If the points hug the 1:1 line, our simple-minded cumulative-energy RH95 agrees with L2A’s more principled version. Disagreements identify shots where L2A’s noise thresholding, smoothing, or algorithm selection (selected_algorithm) produces a meaningfully different answer than a naive cumsum. Those disagreements are L2A doing the right thing, not the other way around ;).

What we skipped (and why)

Algorithm selection. L2A ships six algorithm variants per shot and picks one via selected_algorithm. Our cumulative-energy RH uses none of that machinery.
Ground detection from scratch. We used L2A’s elev_lowestmode rather than detecting ground ourselves. naive ground detection in dense canopy or steep terrain is tricky and likely to be worse than L2A’s algorithm; when you need the ground peak, read L2A.

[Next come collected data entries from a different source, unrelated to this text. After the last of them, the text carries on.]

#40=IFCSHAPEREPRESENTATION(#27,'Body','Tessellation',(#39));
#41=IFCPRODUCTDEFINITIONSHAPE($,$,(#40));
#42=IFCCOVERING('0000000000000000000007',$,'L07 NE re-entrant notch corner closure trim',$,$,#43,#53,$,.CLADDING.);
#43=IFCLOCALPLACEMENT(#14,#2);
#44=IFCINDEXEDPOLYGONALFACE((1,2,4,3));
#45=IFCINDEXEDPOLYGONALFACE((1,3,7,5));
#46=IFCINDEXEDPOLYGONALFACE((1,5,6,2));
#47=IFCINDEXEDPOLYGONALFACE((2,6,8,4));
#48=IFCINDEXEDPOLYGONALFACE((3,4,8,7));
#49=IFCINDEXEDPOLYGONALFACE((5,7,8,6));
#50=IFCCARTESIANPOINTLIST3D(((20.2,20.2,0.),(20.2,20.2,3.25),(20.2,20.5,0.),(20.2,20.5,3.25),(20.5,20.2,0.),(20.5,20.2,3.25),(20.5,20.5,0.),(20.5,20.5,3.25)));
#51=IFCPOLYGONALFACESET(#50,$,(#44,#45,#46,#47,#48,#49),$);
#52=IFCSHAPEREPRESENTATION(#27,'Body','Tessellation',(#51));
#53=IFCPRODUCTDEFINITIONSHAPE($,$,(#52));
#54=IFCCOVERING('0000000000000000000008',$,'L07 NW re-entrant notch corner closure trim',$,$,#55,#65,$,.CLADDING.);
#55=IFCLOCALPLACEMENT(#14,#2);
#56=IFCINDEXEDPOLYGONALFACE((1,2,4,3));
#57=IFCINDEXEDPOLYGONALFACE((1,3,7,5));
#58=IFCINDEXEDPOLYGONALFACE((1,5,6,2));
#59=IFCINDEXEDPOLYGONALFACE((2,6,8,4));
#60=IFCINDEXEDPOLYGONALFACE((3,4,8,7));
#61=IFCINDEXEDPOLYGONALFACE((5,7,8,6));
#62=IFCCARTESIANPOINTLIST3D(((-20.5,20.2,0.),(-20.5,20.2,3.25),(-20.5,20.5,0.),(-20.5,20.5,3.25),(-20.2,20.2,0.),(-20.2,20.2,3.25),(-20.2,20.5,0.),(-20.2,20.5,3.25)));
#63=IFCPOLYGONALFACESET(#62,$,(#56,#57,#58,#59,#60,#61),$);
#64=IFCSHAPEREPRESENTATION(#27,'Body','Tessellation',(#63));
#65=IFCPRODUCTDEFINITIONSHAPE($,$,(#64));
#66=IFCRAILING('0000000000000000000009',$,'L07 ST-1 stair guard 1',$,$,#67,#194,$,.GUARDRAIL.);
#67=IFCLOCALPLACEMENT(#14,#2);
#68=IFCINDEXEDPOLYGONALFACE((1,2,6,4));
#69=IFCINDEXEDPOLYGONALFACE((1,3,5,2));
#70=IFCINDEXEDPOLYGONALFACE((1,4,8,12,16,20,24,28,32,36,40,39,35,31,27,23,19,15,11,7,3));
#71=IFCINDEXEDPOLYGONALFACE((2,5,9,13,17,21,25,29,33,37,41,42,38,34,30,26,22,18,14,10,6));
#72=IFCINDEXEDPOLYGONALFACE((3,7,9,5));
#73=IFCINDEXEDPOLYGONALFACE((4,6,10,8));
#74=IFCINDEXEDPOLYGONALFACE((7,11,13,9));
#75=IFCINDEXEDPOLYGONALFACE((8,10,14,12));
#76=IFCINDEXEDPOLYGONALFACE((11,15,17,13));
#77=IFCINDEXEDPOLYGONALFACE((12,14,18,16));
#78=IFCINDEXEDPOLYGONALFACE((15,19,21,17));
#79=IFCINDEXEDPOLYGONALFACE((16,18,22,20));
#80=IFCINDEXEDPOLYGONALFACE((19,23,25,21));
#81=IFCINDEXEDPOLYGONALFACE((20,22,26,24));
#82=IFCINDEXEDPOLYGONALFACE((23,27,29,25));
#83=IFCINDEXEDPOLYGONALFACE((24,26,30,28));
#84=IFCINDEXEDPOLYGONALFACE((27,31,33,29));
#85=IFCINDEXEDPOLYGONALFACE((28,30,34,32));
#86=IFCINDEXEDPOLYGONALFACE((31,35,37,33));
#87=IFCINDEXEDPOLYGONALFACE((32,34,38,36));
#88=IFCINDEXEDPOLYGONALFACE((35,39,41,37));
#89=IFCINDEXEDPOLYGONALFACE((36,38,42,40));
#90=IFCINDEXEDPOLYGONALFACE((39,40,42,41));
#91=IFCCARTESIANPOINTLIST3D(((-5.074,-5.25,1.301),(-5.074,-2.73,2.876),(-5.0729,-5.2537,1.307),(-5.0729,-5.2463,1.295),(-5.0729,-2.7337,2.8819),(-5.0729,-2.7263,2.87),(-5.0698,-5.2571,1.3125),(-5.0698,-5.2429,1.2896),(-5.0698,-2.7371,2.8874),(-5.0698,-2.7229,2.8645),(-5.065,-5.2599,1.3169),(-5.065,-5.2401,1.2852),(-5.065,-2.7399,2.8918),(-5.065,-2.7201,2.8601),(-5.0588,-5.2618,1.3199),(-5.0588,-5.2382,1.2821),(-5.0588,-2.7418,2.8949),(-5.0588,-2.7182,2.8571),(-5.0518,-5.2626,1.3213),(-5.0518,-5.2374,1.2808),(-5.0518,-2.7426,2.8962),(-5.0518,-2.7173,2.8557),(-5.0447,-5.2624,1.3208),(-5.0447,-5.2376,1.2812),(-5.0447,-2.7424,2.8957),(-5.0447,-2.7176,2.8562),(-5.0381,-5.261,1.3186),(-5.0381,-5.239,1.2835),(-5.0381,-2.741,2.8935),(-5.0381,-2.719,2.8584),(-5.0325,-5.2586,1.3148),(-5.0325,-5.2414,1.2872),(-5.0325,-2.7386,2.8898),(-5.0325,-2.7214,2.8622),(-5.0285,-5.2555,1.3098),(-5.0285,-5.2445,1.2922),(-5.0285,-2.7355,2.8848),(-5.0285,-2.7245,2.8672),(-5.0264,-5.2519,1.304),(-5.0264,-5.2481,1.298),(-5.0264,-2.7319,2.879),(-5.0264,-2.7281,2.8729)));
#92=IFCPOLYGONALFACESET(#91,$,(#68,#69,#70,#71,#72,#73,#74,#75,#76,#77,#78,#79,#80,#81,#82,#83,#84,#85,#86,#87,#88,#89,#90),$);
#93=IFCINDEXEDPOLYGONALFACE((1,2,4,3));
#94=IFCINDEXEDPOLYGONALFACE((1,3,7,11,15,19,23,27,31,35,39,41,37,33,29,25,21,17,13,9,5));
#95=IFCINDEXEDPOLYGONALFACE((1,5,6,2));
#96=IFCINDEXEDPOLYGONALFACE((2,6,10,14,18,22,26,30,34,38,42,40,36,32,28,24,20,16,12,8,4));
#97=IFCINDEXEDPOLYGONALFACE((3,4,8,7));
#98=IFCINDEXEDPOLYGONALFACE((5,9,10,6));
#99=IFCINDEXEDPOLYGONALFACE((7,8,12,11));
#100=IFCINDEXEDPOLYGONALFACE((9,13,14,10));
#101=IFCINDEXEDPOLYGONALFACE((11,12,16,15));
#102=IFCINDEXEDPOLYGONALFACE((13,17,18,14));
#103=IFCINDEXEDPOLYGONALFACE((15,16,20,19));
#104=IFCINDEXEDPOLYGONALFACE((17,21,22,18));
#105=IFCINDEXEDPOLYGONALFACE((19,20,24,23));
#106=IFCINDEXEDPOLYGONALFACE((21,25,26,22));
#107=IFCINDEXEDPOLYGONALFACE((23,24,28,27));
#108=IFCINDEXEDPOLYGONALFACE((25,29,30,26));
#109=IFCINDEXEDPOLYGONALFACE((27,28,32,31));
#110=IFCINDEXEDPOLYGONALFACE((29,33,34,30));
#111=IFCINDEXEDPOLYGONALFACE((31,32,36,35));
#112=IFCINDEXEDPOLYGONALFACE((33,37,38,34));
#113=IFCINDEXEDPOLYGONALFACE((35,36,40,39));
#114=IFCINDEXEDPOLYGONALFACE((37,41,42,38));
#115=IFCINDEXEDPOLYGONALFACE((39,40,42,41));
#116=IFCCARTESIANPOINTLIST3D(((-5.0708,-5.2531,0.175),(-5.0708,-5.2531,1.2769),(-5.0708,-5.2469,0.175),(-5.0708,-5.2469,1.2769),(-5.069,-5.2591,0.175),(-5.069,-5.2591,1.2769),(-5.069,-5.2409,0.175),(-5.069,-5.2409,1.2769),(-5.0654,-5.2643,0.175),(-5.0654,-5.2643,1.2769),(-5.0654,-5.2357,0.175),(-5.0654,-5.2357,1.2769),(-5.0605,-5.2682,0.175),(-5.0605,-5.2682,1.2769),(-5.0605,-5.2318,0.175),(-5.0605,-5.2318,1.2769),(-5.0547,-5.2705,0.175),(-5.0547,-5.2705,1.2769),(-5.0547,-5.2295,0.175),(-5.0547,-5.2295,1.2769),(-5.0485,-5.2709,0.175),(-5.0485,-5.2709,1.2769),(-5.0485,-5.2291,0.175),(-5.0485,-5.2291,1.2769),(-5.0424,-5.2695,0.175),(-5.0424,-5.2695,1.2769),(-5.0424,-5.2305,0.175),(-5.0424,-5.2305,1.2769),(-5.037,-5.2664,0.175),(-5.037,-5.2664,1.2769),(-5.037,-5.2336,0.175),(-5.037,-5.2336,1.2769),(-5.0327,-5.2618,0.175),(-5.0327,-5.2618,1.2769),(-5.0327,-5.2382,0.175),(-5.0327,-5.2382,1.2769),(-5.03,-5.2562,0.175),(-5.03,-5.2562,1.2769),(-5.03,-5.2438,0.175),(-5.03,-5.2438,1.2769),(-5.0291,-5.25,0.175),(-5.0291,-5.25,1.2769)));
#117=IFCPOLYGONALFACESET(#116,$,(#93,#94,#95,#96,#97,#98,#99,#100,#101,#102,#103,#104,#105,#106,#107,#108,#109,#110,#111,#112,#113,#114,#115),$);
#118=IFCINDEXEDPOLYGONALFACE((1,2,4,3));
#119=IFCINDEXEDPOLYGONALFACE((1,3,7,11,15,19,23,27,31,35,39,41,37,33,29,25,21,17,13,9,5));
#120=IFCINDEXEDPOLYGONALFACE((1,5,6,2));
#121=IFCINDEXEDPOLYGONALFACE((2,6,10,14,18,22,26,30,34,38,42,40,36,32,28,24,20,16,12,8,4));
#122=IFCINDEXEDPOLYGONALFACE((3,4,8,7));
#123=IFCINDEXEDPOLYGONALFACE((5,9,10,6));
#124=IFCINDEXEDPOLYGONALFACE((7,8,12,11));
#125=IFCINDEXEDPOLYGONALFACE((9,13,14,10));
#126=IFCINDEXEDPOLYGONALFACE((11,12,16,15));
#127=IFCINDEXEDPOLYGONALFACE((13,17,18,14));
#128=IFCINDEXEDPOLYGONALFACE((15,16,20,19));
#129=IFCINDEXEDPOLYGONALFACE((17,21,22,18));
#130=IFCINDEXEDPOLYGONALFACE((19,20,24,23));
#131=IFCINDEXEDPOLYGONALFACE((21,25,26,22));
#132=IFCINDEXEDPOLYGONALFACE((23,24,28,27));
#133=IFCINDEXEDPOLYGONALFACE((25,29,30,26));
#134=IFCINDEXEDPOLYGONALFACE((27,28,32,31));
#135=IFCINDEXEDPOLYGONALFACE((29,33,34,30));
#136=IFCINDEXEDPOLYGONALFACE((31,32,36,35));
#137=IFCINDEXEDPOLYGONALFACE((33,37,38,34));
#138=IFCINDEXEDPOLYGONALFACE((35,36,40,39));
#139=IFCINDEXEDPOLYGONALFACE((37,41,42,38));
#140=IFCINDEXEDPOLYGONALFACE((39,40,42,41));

Noise mean is not independently corrected. Per the ATBD (Section 3.2.1), “no corrections are currently applied to the mean noise level; the value from the telemetered datapacket is recorded.” The column name noise_mean_corrected refers to the noise mean of the corrected (smoothed) waveform, not to an adjusted mean. Only noise_stddev_corrected receives an active correction (for odd-even sampler offsets, Section 3.2.2). This distinction is immaterial for the subtraction and SNR normalisation we perform here: the mean and standard deviation are measured on the same smoothed waveform we analyse, so the units match.